Before anyone objects to the this statement: do you really think somebody would just go in fronw of the international community and tell lies?

[–] [email protected] 17 points 1 week ago* (last edited 1 week ago)

Depends who and in what situation. USA or Israel do it more than not. This case? I don't see why, especially that it's in accordance with other countries, as quoted by few other posters in this thread.

[–] [email protected] 6 points 1 week ago (1 children)
[–] [email protected] 3 points 1 week ago

Exactly, we should assume that any international representation is not transparent

[–] [email protected] -2 points 1 week ago

Right, of course not

[–] [email protected] -2 points 1 week ago (3 children)

Hmmm, it might not be, but it's still within the interests of the chinese state. Let's say the CCP actually wanted Africa to succeed. They may see the ascendance of Africa into something close to first world conditions as beneficial to them, as now they would have this history of benevolence and investments with a market away from the US, thus slowly chipping away at their reliance to the west.

[–] [email protected] 21 points 1 week ago (1 children)

but it’s still within the interests of the chinese state

Obviously lmao. Why the hell would a country do something for no reason

The more Africa develops with Chinese cooperation, the more China gets access to wealthier markets to sell stuff to that they have good relations with.

[–] [email protected] 13 points 1 week ago* (last edited 1 week ago)

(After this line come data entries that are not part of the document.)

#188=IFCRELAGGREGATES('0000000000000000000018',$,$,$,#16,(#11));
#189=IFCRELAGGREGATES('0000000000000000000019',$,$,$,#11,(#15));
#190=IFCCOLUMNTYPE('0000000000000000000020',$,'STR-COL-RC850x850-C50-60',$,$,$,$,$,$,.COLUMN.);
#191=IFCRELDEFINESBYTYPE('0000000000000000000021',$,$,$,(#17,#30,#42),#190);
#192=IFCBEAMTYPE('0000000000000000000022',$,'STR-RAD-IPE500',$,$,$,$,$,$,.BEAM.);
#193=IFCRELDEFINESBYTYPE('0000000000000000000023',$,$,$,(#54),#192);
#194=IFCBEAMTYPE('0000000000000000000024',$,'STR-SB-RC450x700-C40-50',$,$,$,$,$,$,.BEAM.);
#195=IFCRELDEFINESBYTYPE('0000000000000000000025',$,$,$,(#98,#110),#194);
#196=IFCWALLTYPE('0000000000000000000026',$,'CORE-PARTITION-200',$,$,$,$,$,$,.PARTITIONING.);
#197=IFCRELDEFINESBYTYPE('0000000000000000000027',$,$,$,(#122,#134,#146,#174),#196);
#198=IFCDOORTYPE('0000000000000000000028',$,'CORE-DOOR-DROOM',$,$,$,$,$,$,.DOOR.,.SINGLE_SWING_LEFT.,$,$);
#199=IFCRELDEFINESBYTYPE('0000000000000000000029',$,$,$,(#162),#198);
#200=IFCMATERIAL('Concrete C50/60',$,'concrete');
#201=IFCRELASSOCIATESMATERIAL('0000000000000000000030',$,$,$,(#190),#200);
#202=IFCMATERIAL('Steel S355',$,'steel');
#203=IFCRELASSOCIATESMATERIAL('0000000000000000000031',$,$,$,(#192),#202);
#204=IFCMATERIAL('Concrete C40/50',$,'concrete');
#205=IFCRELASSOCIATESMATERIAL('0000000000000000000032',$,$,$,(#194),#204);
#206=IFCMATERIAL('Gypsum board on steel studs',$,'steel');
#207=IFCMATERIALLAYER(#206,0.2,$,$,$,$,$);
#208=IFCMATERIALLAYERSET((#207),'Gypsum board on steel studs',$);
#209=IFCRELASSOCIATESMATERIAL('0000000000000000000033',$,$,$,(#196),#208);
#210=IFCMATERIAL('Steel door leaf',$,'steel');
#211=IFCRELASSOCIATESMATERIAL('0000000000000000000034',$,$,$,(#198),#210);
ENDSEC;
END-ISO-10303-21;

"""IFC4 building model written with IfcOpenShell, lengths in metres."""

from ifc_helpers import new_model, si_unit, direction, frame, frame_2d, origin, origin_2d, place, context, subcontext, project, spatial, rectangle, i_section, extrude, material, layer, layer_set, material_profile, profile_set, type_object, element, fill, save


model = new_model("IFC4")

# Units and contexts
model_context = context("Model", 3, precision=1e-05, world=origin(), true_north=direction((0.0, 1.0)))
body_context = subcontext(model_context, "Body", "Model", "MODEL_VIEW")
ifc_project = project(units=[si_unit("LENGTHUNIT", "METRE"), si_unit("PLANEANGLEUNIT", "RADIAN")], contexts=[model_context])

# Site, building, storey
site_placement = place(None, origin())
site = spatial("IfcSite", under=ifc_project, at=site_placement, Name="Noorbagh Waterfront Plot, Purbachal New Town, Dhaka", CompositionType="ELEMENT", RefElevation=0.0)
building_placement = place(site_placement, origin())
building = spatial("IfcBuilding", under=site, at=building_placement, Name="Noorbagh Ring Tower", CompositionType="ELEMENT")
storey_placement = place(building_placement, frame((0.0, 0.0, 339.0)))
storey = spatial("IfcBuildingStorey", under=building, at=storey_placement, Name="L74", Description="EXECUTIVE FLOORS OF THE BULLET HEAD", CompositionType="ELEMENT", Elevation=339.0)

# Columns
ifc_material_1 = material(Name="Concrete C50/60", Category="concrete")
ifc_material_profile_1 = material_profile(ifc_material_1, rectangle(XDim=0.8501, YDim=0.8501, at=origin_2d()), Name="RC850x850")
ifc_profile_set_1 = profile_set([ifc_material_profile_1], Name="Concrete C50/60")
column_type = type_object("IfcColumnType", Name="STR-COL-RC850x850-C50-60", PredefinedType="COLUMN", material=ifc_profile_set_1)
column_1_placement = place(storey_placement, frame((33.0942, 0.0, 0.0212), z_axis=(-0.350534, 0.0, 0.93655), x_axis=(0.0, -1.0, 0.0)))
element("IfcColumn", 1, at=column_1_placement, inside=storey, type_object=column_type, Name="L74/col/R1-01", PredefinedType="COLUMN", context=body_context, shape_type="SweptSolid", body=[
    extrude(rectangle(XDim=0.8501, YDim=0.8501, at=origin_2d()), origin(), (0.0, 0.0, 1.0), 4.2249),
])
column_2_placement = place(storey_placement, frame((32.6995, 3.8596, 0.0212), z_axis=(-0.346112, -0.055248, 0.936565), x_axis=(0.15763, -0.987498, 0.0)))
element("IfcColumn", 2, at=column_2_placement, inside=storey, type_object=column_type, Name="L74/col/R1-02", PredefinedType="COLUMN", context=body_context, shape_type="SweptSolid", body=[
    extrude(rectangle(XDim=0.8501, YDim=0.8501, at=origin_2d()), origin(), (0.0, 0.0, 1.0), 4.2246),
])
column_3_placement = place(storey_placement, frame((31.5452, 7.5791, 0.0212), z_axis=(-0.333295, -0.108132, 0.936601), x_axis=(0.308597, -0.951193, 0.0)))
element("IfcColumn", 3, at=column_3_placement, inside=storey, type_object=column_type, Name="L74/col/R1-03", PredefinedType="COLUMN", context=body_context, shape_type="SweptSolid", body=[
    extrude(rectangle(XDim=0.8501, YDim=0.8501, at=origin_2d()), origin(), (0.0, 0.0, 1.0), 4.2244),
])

Why the hell would a country do something for no reason

This is kinda astounding posting and i read it all the time everywhere. On one side we have western imperialists shamelessly and openly looting Africa for centuries, but liberals will suddenly expect China to just do one sided transactions that only cause them loss? And make it the implicit or explicit "both sides bad" argument? It's also usually from the proponents of capitalism and free trade, which is in theory supposed to benefit both sides.

[–] [email protected] 13 points 1 week ago

It is in China's self-interest for the era of imperialism, complete with its colonialism and neocolonialism, to come to an end. It turns out, that's also in the self-interest of literally everyone, even the imperialists. So the fact that this is in the interests of China is sort of a moot point.

That's like saying a doctor is only curing people of life threatening diseases so she can eat a decent meal and sleep in a comfortable bed. Uh, sure... I think we can all agree that whoever helps out should get a good life. What's the point of saying what you're saying, exactly?

[–] [email protected] 12 points 1 week ago* (last edited 1 week ago) (1 children)

I mean, it would be nice to see a comparison between a Chinese loan and a loan by the IMF. Maybe the sting still has to come because they haven't been doing it for as long, but there's got to be a good reason those countries go with China instead of the IMF.

To me it seems like IMF loans involve privatising revenue generating assets, lowering taxes on the wealthy and austerity on the masses. The biggest criticism of the Chinese way of financing is that if you default on the loan you used to build a port/highway/railway line, they keep that specific asset. And I guess instead of using local labour they use Chinese workers.

There's definitely things to criticise there, but I know which option I'd pick if I needed a port in my country.

[–] [email protected] 5 points 1 week ago

The IMF also often includes terms that prevent food sovereignty, require food imports, and require anti-labor legislation.

IMF loans are used to shackle a country to the neoliberal world order. All it takes us a single right wing government to take on one or more loans and now every government for decades on has to deal with the terms and the debt that prevent the country from developing and gaining security.